American Cities Stuck With Part of Tab for Congress Tax Cuts

(Bloomberg) -- Congress’s plan to cut taxes by more than $1 trillion sends part of the bill to America’s states and cities.

The Republican-led House Thursday passed its version of a tax-code overhaul that pulls the tax-exemption from investments in so-called private activity bonds that finance projects like airports, water facilities and roads, promising to make financing tens of billions of dollars worth of public works each year more expensive. And, like the Senate’s plan, it would do away with advanced refundings, a technique municipalities frequently use to refinance their debt when interest rates fall.

“The only thing that’s going to go up is the interest that you’re going to pay on that cost of capital,” said Columbia, South Carolina Mayor Stephen Benjamin, who is the chair of Municipal Bonds for America, a coalition lobbying to keep tax breaks on municipal borrowing. “The brunt of that will be born by ratepayers and taxpayers."

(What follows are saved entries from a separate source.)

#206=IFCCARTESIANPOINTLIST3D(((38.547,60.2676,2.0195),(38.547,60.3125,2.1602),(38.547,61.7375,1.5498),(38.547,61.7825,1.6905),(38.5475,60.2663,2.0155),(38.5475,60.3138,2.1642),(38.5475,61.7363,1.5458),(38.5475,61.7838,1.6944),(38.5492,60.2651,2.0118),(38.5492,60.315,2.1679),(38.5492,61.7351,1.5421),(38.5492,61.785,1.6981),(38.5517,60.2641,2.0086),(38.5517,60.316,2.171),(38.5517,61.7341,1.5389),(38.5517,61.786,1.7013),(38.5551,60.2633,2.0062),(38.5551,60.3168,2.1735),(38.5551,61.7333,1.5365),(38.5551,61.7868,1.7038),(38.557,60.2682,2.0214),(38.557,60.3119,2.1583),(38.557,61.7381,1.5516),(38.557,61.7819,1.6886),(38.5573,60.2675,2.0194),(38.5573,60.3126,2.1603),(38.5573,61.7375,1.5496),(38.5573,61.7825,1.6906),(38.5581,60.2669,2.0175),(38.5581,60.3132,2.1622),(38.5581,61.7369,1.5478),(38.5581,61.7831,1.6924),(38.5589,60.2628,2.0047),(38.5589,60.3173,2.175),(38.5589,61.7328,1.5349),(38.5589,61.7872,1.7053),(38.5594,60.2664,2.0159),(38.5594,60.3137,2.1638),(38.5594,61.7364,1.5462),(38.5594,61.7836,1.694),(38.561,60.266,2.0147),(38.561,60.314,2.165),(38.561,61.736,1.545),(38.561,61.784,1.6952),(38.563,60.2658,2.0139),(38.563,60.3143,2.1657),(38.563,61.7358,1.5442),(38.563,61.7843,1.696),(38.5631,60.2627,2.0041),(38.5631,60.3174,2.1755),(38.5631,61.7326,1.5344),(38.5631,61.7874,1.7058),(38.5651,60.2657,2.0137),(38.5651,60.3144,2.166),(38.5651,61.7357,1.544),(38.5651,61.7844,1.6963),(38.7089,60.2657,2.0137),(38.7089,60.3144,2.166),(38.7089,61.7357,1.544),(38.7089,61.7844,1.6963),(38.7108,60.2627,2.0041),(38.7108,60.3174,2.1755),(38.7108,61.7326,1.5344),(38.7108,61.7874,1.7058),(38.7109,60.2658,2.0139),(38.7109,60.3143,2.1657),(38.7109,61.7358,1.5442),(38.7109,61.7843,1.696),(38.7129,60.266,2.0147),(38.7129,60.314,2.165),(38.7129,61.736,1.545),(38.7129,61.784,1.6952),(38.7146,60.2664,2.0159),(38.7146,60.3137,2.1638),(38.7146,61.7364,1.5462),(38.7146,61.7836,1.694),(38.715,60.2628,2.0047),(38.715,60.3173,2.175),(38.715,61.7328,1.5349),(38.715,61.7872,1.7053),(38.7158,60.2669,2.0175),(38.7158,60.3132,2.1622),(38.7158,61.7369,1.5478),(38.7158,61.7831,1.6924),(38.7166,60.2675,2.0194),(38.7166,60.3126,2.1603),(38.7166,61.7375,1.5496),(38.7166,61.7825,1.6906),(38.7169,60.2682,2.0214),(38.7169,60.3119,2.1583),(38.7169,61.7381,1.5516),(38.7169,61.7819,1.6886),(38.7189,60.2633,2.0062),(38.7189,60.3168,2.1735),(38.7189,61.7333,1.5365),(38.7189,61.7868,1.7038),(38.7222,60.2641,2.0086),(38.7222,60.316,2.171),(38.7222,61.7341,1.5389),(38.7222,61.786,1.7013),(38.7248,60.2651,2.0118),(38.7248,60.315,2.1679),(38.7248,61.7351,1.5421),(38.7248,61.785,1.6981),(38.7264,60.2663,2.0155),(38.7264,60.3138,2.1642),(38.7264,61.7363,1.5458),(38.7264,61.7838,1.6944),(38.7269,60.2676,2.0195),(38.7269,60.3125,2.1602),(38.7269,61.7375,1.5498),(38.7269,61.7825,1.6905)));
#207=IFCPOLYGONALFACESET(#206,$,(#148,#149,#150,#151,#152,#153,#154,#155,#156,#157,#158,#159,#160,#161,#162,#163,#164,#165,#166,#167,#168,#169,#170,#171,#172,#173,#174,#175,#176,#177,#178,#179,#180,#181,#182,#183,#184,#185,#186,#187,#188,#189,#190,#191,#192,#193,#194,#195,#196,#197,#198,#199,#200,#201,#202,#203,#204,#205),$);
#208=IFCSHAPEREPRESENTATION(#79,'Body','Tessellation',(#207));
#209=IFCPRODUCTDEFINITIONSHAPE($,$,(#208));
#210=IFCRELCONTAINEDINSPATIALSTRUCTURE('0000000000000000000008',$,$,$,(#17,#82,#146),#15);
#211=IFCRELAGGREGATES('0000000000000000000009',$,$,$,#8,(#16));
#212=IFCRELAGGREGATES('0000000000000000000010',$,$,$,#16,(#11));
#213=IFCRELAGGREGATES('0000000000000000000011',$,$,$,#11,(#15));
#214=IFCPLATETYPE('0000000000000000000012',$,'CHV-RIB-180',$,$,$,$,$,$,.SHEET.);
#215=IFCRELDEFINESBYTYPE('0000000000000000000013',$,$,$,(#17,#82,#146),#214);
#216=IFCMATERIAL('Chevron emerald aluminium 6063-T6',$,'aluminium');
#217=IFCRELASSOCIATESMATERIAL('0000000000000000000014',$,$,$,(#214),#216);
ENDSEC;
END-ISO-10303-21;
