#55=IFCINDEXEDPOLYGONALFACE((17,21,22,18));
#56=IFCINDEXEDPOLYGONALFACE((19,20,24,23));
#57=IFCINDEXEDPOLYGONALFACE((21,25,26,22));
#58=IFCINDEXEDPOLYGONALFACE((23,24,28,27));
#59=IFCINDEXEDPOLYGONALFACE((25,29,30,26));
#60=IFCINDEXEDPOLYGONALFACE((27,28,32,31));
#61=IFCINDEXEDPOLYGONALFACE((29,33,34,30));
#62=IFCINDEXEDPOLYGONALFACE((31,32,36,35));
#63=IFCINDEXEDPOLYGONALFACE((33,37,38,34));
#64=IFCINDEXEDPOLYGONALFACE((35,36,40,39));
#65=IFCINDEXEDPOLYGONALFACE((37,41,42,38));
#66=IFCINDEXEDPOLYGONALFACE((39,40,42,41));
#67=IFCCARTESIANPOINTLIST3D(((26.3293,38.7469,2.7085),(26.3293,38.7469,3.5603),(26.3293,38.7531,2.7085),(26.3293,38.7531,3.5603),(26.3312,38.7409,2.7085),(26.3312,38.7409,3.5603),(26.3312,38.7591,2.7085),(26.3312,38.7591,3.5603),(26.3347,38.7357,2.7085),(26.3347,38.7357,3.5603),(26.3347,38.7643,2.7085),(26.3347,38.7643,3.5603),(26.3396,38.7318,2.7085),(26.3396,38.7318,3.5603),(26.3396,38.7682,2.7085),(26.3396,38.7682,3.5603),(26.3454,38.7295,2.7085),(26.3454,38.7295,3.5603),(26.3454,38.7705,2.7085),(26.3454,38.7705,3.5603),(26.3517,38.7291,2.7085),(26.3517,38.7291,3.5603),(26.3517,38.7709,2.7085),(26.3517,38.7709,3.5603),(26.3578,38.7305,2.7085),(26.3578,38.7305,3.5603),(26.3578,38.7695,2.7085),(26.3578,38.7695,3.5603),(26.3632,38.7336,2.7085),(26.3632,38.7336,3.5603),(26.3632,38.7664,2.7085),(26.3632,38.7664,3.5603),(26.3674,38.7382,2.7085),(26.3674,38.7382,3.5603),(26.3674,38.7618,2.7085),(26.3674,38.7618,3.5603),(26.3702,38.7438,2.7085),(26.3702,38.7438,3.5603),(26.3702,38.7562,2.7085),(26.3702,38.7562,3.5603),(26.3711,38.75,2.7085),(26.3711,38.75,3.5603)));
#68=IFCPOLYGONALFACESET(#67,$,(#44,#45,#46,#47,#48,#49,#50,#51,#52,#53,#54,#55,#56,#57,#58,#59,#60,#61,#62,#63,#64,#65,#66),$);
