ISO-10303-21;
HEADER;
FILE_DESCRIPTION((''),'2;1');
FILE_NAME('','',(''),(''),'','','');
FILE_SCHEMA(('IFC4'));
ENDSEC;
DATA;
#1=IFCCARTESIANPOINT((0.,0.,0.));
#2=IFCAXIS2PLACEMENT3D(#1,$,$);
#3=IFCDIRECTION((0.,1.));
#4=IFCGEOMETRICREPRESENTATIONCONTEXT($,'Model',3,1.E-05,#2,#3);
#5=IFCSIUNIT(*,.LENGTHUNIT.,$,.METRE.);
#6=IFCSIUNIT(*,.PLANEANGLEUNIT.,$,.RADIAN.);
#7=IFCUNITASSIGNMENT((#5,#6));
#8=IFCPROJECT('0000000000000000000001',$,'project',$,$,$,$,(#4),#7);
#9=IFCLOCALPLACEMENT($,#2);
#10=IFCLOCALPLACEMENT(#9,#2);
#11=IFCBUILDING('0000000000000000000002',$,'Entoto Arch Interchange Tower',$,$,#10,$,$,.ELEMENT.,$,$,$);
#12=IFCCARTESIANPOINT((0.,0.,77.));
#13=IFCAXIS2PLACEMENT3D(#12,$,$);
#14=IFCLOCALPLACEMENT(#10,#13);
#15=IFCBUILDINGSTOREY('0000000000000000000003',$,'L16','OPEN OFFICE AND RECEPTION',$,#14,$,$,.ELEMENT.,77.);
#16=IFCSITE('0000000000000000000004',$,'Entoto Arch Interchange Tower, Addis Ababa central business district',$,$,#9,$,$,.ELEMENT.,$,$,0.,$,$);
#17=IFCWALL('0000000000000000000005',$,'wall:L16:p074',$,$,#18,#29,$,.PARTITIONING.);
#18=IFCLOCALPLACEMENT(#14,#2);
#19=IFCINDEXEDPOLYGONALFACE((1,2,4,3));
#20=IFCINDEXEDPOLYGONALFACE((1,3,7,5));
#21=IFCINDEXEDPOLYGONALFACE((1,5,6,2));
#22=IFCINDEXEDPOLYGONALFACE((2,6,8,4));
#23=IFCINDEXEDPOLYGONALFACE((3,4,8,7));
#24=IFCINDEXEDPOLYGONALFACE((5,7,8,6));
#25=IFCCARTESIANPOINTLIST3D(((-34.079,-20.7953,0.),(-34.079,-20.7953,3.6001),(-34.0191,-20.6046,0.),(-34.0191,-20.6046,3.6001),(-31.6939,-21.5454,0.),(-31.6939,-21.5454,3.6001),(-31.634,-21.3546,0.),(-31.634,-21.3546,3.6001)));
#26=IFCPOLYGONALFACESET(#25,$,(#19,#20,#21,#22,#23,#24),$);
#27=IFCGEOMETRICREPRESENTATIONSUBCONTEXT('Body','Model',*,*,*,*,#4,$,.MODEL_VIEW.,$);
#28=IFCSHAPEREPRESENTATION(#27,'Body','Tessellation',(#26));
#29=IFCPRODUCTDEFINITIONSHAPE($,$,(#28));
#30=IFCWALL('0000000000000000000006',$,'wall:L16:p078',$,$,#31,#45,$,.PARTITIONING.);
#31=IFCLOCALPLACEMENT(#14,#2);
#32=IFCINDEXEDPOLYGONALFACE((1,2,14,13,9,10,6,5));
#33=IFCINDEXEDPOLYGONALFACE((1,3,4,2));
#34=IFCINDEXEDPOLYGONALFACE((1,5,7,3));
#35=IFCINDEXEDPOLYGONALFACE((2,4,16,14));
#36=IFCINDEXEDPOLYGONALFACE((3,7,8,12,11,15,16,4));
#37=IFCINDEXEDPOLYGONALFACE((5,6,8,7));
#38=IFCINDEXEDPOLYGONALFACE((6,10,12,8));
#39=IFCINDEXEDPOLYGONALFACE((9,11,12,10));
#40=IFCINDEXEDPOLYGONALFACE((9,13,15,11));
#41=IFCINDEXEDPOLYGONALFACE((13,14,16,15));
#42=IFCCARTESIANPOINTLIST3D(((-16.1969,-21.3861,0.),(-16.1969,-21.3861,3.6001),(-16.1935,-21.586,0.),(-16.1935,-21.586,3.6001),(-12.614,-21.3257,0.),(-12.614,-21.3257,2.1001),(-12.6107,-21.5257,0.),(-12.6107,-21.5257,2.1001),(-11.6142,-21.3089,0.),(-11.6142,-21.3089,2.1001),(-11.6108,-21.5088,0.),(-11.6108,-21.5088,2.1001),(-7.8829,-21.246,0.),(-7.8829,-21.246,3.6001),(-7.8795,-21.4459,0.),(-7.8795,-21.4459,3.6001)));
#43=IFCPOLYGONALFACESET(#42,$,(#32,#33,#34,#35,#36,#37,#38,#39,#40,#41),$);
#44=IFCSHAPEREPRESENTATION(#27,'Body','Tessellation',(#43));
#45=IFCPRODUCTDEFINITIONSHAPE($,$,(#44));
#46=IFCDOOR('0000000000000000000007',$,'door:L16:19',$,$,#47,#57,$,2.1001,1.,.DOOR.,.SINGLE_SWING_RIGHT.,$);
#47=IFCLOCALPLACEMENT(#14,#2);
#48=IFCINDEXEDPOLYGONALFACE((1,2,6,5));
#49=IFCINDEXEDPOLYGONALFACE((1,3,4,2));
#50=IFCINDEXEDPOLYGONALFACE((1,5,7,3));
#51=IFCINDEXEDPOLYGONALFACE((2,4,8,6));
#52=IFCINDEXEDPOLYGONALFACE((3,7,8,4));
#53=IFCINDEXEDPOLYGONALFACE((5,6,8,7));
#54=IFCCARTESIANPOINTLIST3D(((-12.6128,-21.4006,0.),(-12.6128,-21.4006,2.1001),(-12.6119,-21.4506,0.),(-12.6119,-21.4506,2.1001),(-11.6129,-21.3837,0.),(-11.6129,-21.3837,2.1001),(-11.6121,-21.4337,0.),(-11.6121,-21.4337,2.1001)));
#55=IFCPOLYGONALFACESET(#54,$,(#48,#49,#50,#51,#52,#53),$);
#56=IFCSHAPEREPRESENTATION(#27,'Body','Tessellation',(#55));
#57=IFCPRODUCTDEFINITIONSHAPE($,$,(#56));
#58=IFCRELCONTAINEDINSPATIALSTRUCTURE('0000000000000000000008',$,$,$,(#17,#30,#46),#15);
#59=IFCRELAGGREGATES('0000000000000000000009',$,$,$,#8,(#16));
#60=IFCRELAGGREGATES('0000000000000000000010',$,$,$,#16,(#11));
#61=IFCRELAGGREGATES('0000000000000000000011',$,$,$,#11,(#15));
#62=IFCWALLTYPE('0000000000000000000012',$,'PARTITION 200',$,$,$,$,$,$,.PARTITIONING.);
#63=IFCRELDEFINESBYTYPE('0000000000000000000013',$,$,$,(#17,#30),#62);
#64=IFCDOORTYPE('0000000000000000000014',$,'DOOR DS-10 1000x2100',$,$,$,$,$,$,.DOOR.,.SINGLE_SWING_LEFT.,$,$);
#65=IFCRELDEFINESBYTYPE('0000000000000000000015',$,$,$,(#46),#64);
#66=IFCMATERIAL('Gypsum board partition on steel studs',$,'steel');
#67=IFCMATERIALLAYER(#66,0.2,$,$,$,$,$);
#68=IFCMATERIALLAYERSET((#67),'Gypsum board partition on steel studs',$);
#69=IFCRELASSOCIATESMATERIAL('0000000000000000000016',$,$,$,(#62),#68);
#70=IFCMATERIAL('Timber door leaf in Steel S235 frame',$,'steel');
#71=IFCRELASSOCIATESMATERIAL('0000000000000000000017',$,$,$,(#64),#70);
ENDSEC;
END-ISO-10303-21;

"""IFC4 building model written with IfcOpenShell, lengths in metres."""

from ifc_helpers import new_model, si_unit, direction, frame, frame_2d, origin, place, context, subcontext, project, spatial, rectangle, extrude, material, layer, layer_set, type_object, element, fill, save


model = new_model("IFC4")

# Units and contexts
model_context = context("Model", 3, precision=1e-05, world=origin(), true_north=direction((0.0, 1.0)))
body_context = subcontext(model_context, "Body", "Model", "MODEL_VIEW")
ifc_project = project(units=[si_unit("LENGTHUNIT", "METRE"), si_unit("PLANEANGLEUNIT", "RADIAN")], contexts=[model_context])

# Site, building, storey
site_placement = place(None, origin())
site = spatial("IfcSite", under=ifc_project, at=site_placement, Name="Entoto Arch Interchange Tower, Addis Ababa central business district", CompositionType="ELEMENT", RefElevation=0.0)
building_placement = place(site_placement, origin())
building = spatial("IfcBuilding", under=site, at=building_placement, Name="Entoto Arch Interchange Tower", CompositionType="ELEMENT")
storey_placement = place(building_placement, frame((0.0, 0.0, 77.0)))
storey = spatial("IfcBuildingStorey", under=building, at=storey_placement, Name="L16", Description="OPEN OFFICE AND RECEPTION", CompositionType="ELEMENT", Elevation=77.0)

# Shared definitions
ifc_material_1 = material(Name="Gypsum board partition on steel studs", Category="steel")
ifc_layer_1 = layer(ifc_material_1, 0.2)
ifc_layer_set_1 = layer_set([ifc_layer_1], Name="Gypsum board partition on steel studs")
wall_type_1 = type_object("IfcWallType", Name="PARTITION 200", PredefinedType="PARTITIONING", material=ifc_layer_set_1)

# Shared definitions
ifc_material_2 = material(Name="Timber door leaf in Steel S235 frame", Category="steel")

# Shared definitions
door_type_1 = type_object("IfcDoorType", Name="DOOR DS-10 1000x2100", OperationType="SINGLE_SWING_LEFT", PredefinedType="DOOR", material=ifc_material_2)

# Wall
wall_1_placement = place(storey_placement, frame((-31.6641, -21.45, 0.0), z_axis=(0.0, 0.0, 1.0), x_axis=(-0.953945, 0.299981, 0.0)))
element("IfcWall", 1, at=wall_1_placement, inside=storey, type_object=wall_type_1, Name="wall:L16:p074", PredefinedType="PARTITIONING", context=body_context, shape_type="SweptSolid", body=[
    extrude(rectangle(XDim=2.5002, YDim=0.2, at=frame_2d((1.25, 0.0))), origin(), (0.0, 0.0, 1.0), 3.6001),
])

# Wall, opening, door
wall_2_placement = place(storey_placement, frame((-7.8811, -21.3459, 0.0), z_axis=(0.0, 0.0, 1.0), x_axis=(-0.999858, -0.016853, 0.0)))
wall_2 = element("IfcWall", 2, at=wall_2_placement, inside=storey, type_object=wall_type_1, Name="wall:L16:p078", PredefinedType="PARTITIONING", context=body_context, shape_type="SweptSolid", body=[
    extrude(rectangle(XDim=8.3152, YDim=0.2, at=frame_2d((4.1577, 0.0))), origin(), (0.0, 0.0, 1.0), 3.6001),
])
opening_1_placement = place(wall_2_placement, frame((3.7319, 0.0, 0.0)))
opening_1 = element("IfcOpeningElement", 3, at=opening_1_placement, cuts=wall_2, PredefinedType="OPENING", context=body_context, shape_type="SweptSolid", body=[
    extrude(rectangle(XDim=1.0, YDim=2.1001, at=frame_2d((0.5, 1.05))), frame((0.0, 0.1099, 0.0), z_axis=(0.0, -1.0, 0.0), x_axis=(1.0, 0.0, 0.0)), (0.0, 0.0, 1.0), 0.22),
])
door_1_placement = place(opening_1_placement, origin())
door_1 = element("IfcDoor", 4, at=door_1_placement, inside=storey, type_object=door_type_1, Name="door:L16:19", OperationType="SINGLE_SWING_RIGHT", OverallHeight=2.1001, OverallWidth=1.0, PredefinedType="DOOR", context=body_context, shape_type="SweptSolid", body=[
    extrude(rectangle(XDim=1.0, YDim=2.1001, at=frame_2d((0.5, 1.05))), frame((0.0, 0.0249, 0.0), z_axis=(0.0, -1.0, 0.0), x_axis=(1.0, 0.0, 0.0)), (0.0, 0.0, 1.0), 0.05),
])
fill(opening_1, door_1)

save(model, "model.ifc")
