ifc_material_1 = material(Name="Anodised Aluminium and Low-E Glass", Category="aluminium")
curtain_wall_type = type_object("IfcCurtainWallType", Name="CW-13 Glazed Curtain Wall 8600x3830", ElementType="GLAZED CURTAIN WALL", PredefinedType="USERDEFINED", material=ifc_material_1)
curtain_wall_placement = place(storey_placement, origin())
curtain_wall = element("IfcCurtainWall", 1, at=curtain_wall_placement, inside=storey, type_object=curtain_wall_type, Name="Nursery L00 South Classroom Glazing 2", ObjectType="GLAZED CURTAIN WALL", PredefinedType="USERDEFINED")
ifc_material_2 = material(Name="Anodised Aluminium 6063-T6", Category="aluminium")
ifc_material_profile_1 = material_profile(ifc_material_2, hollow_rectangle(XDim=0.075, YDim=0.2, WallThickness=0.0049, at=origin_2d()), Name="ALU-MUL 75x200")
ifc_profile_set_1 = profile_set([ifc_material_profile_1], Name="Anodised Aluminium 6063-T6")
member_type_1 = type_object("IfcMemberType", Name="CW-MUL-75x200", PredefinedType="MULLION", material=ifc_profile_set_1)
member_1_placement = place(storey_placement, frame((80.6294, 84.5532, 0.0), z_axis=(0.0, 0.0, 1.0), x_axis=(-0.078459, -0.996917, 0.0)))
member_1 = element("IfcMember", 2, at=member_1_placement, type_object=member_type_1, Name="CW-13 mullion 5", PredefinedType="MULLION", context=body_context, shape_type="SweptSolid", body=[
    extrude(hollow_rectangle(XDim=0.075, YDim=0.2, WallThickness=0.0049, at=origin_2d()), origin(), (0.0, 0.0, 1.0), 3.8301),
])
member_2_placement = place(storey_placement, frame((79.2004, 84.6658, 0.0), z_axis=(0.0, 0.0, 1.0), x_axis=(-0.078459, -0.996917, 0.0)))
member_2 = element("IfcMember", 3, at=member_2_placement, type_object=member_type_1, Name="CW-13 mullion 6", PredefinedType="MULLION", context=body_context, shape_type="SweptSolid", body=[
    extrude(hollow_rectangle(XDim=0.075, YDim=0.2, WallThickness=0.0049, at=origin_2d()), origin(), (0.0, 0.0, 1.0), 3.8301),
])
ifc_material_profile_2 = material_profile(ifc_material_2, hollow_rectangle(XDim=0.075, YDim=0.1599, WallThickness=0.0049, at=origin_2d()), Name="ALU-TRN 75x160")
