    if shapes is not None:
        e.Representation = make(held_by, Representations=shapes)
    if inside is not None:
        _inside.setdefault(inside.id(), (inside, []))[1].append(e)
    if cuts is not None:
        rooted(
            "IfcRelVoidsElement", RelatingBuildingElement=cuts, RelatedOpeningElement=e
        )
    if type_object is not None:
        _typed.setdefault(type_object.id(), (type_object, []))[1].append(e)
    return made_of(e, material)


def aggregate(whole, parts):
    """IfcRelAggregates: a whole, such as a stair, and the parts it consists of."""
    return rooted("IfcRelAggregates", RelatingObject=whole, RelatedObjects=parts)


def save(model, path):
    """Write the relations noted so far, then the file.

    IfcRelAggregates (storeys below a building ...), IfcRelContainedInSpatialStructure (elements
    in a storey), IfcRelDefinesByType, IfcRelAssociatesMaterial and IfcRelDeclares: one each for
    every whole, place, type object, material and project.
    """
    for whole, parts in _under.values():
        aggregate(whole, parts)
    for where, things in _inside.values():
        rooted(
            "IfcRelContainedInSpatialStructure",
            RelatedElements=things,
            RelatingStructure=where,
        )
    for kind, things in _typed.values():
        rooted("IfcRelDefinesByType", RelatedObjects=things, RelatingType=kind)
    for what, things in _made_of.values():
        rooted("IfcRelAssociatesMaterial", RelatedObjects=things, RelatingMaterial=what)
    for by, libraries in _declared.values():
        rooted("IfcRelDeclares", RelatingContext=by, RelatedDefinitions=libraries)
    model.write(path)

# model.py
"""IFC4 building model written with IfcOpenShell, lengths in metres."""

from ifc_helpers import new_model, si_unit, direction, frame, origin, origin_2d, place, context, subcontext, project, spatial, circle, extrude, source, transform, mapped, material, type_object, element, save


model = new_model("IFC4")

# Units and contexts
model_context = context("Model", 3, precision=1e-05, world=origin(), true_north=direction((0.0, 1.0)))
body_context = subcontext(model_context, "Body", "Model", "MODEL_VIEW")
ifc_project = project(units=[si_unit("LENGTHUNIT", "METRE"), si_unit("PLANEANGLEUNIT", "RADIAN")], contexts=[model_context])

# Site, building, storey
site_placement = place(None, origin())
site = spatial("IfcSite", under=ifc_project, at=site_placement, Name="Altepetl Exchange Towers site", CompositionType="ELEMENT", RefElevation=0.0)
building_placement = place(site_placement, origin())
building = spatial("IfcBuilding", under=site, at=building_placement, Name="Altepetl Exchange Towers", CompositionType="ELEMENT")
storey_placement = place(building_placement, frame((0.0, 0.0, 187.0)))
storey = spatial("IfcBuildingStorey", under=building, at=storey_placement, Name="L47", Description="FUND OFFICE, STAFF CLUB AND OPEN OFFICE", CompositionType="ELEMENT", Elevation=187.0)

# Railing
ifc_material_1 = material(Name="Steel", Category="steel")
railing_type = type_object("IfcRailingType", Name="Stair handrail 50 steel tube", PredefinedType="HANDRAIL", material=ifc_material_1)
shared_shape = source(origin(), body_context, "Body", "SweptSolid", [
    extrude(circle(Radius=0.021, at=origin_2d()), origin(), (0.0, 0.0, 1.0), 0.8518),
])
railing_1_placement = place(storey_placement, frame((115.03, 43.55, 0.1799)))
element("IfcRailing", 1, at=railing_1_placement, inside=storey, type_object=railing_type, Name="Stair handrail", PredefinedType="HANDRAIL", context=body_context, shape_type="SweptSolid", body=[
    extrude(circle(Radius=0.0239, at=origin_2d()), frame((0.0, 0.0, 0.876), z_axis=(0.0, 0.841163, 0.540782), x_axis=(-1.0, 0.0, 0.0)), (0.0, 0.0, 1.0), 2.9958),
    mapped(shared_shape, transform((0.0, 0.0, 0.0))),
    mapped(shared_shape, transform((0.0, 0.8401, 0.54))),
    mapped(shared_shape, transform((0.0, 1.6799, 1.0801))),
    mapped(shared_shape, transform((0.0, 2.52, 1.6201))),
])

The measures don’t go all that far to cover the cost of tax cuts that will add an estimated $1.4 trillion to the federal deficit over the next decade. Doing away with private-activity bonds would save the federal government about $39 billion over the next decade because investors would steer their money into stocks, corporate bonds and other assets subject to the income tax, according to the estimates of the House bill by the Joint Tax Committee. Yanking the subsidies from refinancings would save less than $20 billion over that time.

But it will mean a lot to local governments. Advanced refundings saved them an estimated $11.8 billion in the five years through 2016, according to data compiled by the Government Finance Officers Association.

The proposed tax changes would likely result in higher interest costs for municipal borrowers and strain their budgets, according to S&P Global Ratings. Tax break or no, localities still need to build roads, maintain schools and keep the water running.

Without tax-exempt status, money for projects now financed with private activity bonds would be raised in the taxable bond market, where the cost is higher. For example, an A-rated municipality that issues $100 million in 30 year general-obligation bonds in the taxable market rather than the tax-exempt market would see an additional cost of 0.55 percentage points, or $16.5 million more over that term, according to calculations based on Bloomberg’s indexes.

While the Senate bill kept the tax-exemption for private activity bonds intact, both chambers’ bills have backed ending advanced refundings. If that happens, local governments lose a tool that helped them during times of revenue shortfalls, like the period after the onset of last decade’s recession, said John Hicks, executive director of the Washington-based National Association of State Budget Officers.

"It’s a disappointment and a surprise that advanced refundings are being proposed for repeal,” Hicks said. “It’s an opportunity loss.”